The polymer powder is admixed with 17 wt. parts of "Isopar-E" (Trade mark of Esso Standard Oil Co., Ltd.; hydrocarbon lubricant), and the mixture obtained is extruded at a ram speed of 40 mm/min and at a reduction ratio of 274 into a pipe, 6 mm in inside diameter and 8 mm in outside diameter. The extrudate is continuously sintered at 380.degree. C. in a furnace connected to the extruder to obtain a finished pipe.

A 700-mm length of the pipe is cut off, one end of the pipe is cut into two in the longitudinal direction, and the cut end portions are clamped to the clamps of a tension tester and pulled apart at a velocity of 200 mm/min to measure the tear strength of the pipe. The result is shown in Table 7.

Table 7 ______________________________________ Polymer Tear strength (kg/cm.sup.2) ______________________________________ Example Run No. 4 4.0 Comp. Ex. Run No. 10 3.2 Comp. Ex. Run No. 14 3.1 ______________________________________

EXAMPLE 2

(Run Nos. 18 to 20)

A 15 l quantity of deionized deoxidized water, 750 g of paraffin wax serving as a dispersion stabilizer and 22 g of ammonium perfluorooctanoate serving as a dispersant are placed into an autoclave having a water capacity of 40 l and equipped with a stirrer and a temperature-controlling jacket fitted therearound. The interior atmosphere of the autoclave is replaced by nitrogen gas several times while controlling the temperature to 85.degree. C. TFE is fed into the autoclave until the internal pressure reaches 8.0 kg/cm.sup.2 G. While maintaining the temperature at 85.degree. C. with stirring, 1.5 g of DSP and 0.1 g of APS are added to the mixture to initiate polymerization. When the internal pressure drops to 7.0 kg/cm.sup.2 G, TFE is fed into the autoclave until the pressure rises to 8.0 kg/cm.sup.2 G. In this way, the reaction system is pressurized repeatedly when a pressure drop is observed. When the system is repressurized 54th time, 0.2 mols of hexafluoropropylene (hereinafter referred to as " HFP") is added. The time when the HFP is thus intermediately added corresponds to the time when about 72 wt.% of polymer has been formed based on the total amount of the polymer to be finally formed. The polymerization is terminated after the system has been repressurized 75 times. The quantity of the residual HFP gas in the autoclave is determined by gas chromatography, and the HFP content of the resulting polymer is calculated from the difference between the value determined and the quantity of HFP added. The calculated value of HFP contents coincides with the value directly determined by the infrared analysis of the polymer. The concentration of the polymer emulsion is calculated based on the specific gravity thereof.

Subsequently the emulsion is coagulated, washed and dried to obtain a powder, which is tested for paste extrusion performance at reduction ratios of 910 to 1600.

The same procedure as above is repeated except that the amounts of polymerization initiator and dispersant, polymerization temperature, the kind and amount of modifier, and the time to charge the modifier are varied as listed in Table 8. Table 9 shows the properties and paste extrusion performance of the polymers obtained.
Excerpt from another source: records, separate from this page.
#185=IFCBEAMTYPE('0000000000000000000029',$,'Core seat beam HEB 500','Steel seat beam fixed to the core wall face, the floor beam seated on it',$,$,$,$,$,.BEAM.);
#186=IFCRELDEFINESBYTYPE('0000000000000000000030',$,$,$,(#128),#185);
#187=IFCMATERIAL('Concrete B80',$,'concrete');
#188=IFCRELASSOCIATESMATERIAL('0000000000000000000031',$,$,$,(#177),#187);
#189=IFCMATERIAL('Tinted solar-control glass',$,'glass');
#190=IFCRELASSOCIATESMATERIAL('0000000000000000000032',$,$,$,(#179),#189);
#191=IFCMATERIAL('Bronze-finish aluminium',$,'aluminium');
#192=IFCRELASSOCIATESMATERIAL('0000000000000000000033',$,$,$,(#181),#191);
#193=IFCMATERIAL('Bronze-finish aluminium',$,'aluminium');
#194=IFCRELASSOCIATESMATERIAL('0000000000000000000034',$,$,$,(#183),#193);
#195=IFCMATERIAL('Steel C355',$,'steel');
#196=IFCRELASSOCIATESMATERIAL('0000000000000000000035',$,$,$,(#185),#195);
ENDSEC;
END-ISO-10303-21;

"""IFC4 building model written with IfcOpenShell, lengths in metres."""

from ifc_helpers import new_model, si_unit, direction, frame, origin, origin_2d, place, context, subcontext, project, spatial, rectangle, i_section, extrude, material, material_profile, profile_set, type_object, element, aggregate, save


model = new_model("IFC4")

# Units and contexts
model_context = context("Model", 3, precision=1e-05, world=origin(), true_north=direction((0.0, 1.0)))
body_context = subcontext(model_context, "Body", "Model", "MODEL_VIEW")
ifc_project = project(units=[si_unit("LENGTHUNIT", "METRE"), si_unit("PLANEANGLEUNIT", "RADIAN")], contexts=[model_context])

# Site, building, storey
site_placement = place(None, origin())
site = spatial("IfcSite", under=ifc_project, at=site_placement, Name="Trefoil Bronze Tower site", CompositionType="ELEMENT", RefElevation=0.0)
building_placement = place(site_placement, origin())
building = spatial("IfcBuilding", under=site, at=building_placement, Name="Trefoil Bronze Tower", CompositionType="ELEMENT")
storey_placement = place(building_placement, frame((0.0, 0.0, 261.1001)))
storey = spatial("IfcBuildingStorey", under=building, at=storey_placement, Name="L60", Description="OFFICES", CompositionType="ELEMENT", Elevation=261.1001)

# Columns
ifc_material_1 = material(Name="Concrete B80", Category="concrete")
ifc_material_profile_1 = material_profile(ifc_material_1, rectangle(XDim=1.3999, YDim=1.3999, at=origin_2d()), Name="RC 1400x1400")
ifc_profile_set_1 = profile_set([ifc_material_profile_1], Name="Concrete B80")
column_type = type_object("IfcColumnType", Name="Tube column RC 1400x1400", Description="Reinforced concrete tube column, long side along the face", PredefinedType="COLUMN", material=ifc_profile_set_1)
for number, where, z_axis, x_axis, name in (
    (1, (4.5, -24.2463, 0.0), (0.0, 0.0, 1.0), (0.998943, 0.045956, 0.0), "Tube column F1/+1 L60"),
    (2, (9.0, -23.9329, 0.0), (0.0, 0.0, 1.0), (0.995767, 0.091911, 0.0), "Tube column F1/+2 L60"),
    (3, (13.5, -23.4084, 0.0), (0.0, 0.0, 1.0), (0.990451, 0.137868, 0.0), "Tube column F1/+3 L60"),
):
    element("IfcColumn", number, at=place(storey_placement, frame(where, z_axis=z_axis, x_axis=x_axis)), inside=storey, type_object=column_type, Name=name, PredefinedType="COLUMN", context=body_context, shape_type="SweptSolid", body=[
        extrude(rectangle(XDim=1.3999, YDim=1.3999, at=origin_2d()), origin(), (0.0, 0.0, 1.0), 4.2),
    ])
The modifier used for Run No. 20 is .omega.-hydroperfluorobutene, which is indicated as ".omega.-HB" in Table 8.

Table 9 reveals that the modified TFE polymers are extrudable at reduction ratios of 910 and 1600 under relatively low extrusion pressures, giving satisfactory molded products. The low extrusion pressure means that the proportion of the amount of the lubricant (Isopar-E) to polymer is reducible.

COMPARISON EXAMPLE 3

(Run Nos. 21 to 22)

Modified TFE polymers are prepared using the same reactor as in Example 2 under the same conditions as in Example 2 except for the conditions listed in Table 8. More specifically, for Comparison Example Run No. 21, the same amount of the modifier as used for Example Run No. 18 is placed into the system at the start of polymerization without thereafter adding any modifier. For Comparison Example Run No. 22, the same amount of the modifier as used for Example Run No. 19 is added to the system after 60 wt.% of TFE to be polymerized has been polymerized, instead of adding the modifier at the start of the reaction.
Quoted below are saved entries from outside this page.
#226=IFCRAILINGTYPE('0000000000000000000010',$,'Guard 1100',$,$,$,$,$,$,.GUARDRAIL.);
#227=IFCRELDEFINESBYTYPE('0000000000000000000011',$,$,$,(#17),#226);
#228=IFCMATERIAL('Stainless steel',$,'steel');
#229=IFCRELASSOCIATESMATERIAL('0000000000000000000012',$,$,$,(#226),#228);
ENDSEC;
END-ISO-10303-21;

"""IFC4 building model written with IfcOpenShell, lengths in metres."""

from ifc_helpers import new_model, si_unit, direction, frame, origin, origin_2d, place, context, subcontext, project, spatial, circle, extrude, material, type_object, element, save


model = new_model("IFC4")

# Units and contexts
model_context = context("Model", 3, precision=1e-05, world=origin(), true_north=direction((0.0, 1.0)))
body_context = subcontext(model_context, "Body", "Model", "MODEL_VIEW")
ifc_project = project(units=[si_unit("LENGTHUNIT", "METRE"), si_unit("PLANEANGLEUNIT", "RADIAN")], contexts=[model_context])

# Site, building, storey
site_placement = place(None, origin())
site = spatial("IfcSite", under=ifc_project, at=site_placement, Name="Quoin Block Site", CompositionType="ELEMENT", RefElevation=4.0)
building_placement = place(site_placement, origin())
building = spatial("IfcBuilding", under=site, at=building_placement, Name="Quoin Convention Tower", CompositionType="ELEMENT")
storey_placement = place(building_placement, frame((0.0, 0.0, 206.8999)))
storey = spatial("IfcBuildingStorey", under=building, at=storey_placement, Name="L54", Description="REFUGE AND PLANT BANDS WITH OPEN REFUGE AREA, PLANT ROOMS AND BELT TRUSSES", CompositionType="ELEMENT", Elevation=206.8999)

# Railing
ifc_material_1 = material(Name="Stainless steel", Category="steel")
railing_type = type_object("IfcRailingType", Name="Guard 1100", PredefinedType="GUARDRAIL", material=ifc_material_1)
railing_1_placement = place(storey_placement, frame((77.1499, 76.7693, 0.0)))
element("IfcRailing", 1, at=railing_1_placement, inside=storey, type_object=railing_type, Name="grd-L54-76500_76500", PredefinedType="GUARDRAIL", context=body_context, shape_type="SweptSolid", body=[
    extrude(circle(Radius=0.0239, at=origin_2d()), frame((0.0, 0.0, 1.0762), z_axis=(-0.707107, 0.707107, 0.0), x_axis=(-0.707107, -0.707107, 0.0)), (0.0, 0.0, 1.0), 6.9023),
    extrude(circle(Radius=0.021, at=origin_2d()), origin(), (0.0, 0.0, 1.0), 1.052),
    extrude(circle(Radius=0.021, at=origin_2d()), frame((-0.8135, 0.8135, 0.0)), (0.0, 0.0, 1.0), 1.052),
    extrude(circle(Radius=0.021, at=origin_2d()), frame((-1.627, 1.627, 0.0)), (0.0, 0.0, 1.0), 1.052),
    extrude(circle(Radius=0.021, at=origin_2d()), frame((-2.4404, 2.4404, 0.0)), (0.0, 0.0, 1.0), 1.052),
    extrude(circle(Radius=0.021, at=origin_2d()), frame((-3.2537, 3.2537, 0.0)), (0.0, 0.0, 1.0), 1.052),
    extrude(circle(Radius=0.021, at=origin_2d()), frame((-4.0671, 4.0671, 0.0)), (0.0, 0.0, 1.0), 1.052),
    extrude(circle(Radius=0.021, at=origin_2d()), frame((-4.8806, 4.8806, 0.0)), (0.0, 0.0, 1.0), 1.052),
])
The paste extrusion performance of the polymers obtained in listed in Table 9, which shows that they require high extrusion pressures and give extrudates which have a poor appearance.

Table 8 __________________________________________________________________________ Polymerization conditions Polymerization initiator Amount of modifier used DSP APS Temp. Dispersant Initial Intermediate (g) (g) (.degree. C) (g) Modifier (mol) Time (%) Amount (mol) __________________________________________________________________________ Example Run No. 18 1.5 0.1 22 85 HFP 0 72 0.20 19 4.0 0.4 20 90 HFP 0 80 0.04 20 1.0 0.1 22 85 .omega.-HB 0 90 0.10 Comp. Ex. Run No. 21 1.5 0.1 22 85 HFP 0.2 -- -- 22 4.0 0.4 20 88 HFP 0 60 0.04 __________________________________________________________________________

Table 9 __________________________________________________________________________ Product Paste extrusion performance Average Modifier Extrusion pressure (kg/cm.sup.2) Appearance Concn. particle content Reduction Reduction of (%) size (.mu.) (wt. %) ratio 910 ratio 1600 extrudate __________________________________________________________________________ Example Run. No. 18 33.5 0.281 0.115 320 451 A 19 33.2 0.286 0.007 410 400 A 20 33.0 0.225 0.01* 365 504 A Comp. Ex. Run No. At least Not 21 34.0 0.170 0.198 1000 extrudable C 22 33.2 0.292 0.007 520 590 B __________________________________________________________________________ *Determined by the gas chromatographic analysis of the gas in the autoclave. The other values for the modifier content are directly determined by infrared analysis of the polymer.

EXAMPLE 3

(Run Nos. 23 and 24)

Run No. 23

A 15 l quantity of deionized deoxidized water, 750 g of paraffin wax serving as a dispersion stabilizer and 22 g of ammonium perfluorooctanoate serving as a dispersant are placed into an autoclave having a water capacity of 40 l and equipped with a stirrer and a temperature-controlling jacket fitted therearound. The interior atmosphere of the autoclave is replaced by nitrogen gas several times while controlling the temperature. Finally TFE is fed into the autoclave until the internal pressure reaches 8.0 kg/cm.sup.2 G, and the temperature is adjusted to 85.degree. C. Simultaneously with the introduction of TFE, 0.013 mol. of HFP is admitted to the autoclave.

While maintaining the temperature always at 85.degree. C. with stirring, 1.5 g of DSP and 0.1 g of APS as polymerization initiators are added to the mixture to initiate polymerization. When the internal pressure drops to 7.0 kg/cm.sup.2 G, TFE is again fed into the autoclave until the pressure rises to 8.0 kg/cm.sup.2 G. In this way, the reaction system is pressurized repeatedly when a pressure drop takes place. When the system is repressurized 54th time, HFP is added in the amount listed in Table 10 to the system. The time when the HFP is thus intermediately added corresponds to the time when about 72 wt.% of polymer has been formed based on the amount of the polymer to be finally formed.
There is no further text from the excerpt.